Regulation of normal and malignant cell growth. One of the key questions in modern biology is what governs the normal proliferation and life span of mammalian cells and what "goes wrong" in cancer cells. Unraveling these molecular events should lead to a better understanding of the malignant transformation process and to the rational development of novel cancer-therapy approaches. In our lab, we study the involvement of stress response circuits in the adaptation of cells to stress insults and in the growth of cancer cells. Three proteins which "cross-talk" with each other are currently being studied in our lab. The first protein is the intracellular tyrosine kinase Fer. This enzyme resides in both the cytoplasm and nucleus of cells and it supports the withstanding of cells in various stress cues such as oxidative stress and nutrient deprivation. We have recently discovered a previously unknown oncogenic form of Fer which is solely expressed in malignant cells. Specific knock-down of this oncogenic form led to the apoptotic death of the treated cancer cells. Thus, the oncogenic Fer is a novel target for cancer intervention. To translate these findings into the development of a new anti-cancer drug, we developed a yeast-based high-through screening assay which was implemented in a most advanced robotic system. This enabled the development of a highly potent and selective Fer inhibitor that induces apoptotic death in malignant but not in normal cells, and which paves the way for the development of a new anti-cancer drug.

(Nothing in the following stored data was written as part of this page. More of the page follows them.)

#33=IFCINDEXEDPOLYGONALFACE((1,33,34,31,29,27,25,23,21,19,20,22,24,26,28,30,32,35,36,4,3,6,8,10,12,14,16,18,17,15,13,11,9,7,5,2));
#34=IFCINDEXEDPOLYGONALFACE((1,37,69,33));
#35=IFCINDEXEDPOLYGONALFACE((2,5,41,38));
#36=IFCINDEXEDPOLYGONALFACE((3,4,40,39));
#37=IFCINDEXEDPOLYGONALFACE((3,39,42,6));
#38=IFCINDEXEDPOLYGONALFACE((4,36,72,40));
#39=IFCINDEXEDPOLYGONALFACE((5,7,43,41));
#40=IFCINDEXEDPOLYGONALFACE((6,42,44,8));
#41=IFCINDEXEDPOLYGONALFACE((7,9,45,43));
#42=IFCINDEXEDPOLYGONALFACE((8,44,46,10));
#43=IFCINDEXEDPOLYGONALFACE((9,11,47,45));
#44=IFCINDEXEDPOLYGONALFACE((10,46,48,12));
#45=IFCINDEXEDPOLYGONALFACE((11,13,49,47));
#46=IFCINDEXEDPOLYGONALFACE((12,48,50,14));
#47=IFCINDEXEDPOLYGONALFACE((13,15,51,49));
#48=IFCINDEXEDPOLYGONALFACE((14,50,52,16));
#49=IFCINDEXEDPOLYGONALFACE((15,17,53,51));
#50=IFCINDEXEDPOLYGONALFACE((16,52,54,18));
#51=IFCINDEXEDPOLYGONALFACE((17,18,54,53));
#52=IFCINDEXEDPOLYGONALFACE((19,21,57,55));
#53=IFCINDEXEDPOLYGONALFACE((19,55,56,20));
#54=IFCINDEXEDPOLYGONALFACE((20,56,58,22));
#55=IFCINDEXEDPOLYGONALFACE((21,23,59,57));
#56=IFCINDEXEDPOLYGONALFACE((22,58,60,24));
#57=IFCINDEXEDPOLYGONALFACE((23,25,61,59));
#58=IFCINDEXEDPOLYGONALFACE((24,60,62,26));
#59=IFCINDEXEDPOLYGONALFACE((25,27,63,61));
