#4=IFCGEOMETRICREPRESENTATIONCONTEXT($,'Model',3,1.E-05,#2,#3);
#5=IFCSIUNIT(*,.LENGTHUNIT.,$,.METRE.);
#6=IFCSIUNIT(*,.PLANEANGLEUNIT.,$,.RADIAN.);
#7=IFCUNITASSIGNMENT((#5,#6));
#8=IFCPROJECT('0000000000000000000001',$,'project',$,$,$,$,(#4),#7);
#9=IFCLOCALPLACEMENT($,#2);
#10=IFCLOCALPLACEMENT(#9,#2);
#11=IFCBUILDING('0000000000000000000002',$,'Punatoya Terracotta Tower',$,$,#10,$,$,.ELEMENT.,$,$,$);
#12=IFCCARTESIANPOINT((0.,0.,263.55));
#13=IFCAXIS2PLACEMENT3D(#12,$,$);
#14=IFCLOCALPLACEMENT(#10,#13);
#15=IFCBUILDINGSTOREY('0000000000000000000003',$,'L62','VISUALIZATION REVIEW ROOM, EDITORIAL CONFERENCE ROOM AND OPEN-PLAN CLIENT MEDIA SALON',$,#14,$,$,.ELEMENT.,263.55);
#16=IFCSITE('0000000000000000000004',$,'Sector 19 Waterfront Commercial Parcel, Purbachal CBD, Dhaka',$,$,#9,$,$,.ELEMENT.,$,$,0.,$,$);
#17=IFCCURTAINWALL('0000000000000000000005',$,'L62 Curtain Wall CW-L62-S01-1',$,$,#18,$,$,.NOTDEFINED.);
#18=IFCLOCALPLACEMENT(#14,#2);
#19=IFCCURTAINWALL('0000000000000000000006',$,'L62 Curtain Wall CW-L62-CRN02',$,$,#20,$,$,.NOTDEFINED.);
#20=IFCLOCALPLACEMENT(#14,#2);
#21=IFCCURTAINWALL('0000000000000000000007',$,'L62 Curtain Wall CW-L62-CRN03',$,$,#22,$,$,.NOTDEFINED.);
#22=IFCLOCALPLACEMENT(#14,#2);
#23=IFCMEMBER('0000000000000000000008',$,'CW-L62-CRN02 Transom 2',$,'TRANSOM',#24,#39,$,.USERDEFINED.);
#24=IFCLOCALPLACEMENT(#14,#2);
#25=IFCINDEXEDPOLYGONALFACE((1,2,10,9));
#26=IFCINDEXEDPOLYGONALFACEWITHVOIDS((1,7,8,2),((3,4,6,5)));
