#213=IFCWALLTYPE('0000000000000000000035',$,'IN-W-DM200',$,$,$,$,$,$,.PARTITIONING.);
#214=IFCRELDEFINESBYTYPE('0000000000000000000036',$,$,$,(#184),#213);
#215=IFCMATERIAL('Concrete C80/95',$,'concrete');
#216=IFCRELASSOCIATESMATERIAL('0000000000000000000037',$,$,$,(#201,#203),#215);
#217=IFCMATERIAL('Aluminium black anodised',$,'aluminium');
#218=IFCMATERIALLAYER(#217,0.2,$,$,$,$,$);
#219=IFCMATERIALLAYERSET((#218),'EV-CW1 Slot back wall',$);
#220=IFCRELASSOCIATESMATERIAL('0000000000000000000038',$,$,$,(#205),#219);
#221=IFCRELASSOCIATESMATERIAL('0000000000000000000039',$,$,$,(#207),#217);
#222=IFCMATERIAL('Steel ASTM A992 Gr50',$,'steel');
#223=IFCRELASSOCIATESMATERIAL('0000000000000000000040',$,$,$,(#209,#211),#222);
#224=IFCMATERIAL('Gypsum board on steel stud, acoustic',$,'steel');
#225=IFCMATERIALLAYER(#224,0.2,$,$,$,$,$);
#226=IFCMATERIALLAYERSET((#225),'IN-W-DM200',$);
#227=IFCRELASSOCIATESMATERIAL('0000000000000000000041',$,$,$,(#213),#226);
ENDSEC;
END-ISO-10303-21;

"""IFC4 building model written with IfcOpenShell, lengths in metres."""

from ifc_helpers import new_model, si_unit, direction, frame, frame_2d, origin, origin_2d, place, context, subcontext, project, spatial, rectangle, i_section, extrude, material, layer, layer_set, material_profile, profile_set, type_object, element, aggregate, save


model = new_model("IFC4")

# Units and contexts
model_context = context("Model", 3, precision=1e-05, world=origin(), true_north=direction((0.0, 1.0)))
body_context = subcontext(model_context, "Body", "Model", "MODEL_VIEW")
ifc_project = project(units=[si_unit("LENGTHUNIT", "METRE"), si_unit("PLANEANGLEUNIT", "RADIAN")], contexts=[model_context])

The two other proteins involved in cellular responses to imposed stress regimes are TMF/ARA160 and TRNP. While TRNP supports the survival of cells under defined stress conditions, TMF/ARA160 dictates the onset of cellular death under extended stress insults. TRNP is a nuclear protein that associates with chromatin and is highly expressed in neuronal brain cells. RNA expression analysis using DNA chip arrays, revealed the suppression of pro-apoptotic genes by TRNP. Hence, TRNP is a transcription regulator that supports the survival of neuronal cells. The malfunctioning of TRNP may, therefore, contribute to the onset of neuronal cell death and consequent neurodegenerative diseases. We are currently examining the functioning of TRNP in mice models under normal and pathological conditions.
Finally, we are studying the role of TMF in modulating the response of mammalian cells to genotoxic and metabolic stress. TMF is a Golgi-associated protein. However, under stress conditions, TMF is translocated from the Golgi and is dispersed in the cytoplasm, where it directs key transcription regulators to degradation. This can be carried out by substrate ubiquitination and proteasomal degradation, or by lysosome-mediated degradation in an autophagy-dependent manner. Recently, we have characterized a key role of TMF in the acquired resistance of cancer cells to chemotherapeutic agents. Thus, TMF is a master regulator which modulates the response of cells to stress insults. We are currently devising molecular approaches for manipulating the TMF system and, thereby, restoring the sensitivity of cancer cells to chemotherapeutic treatments.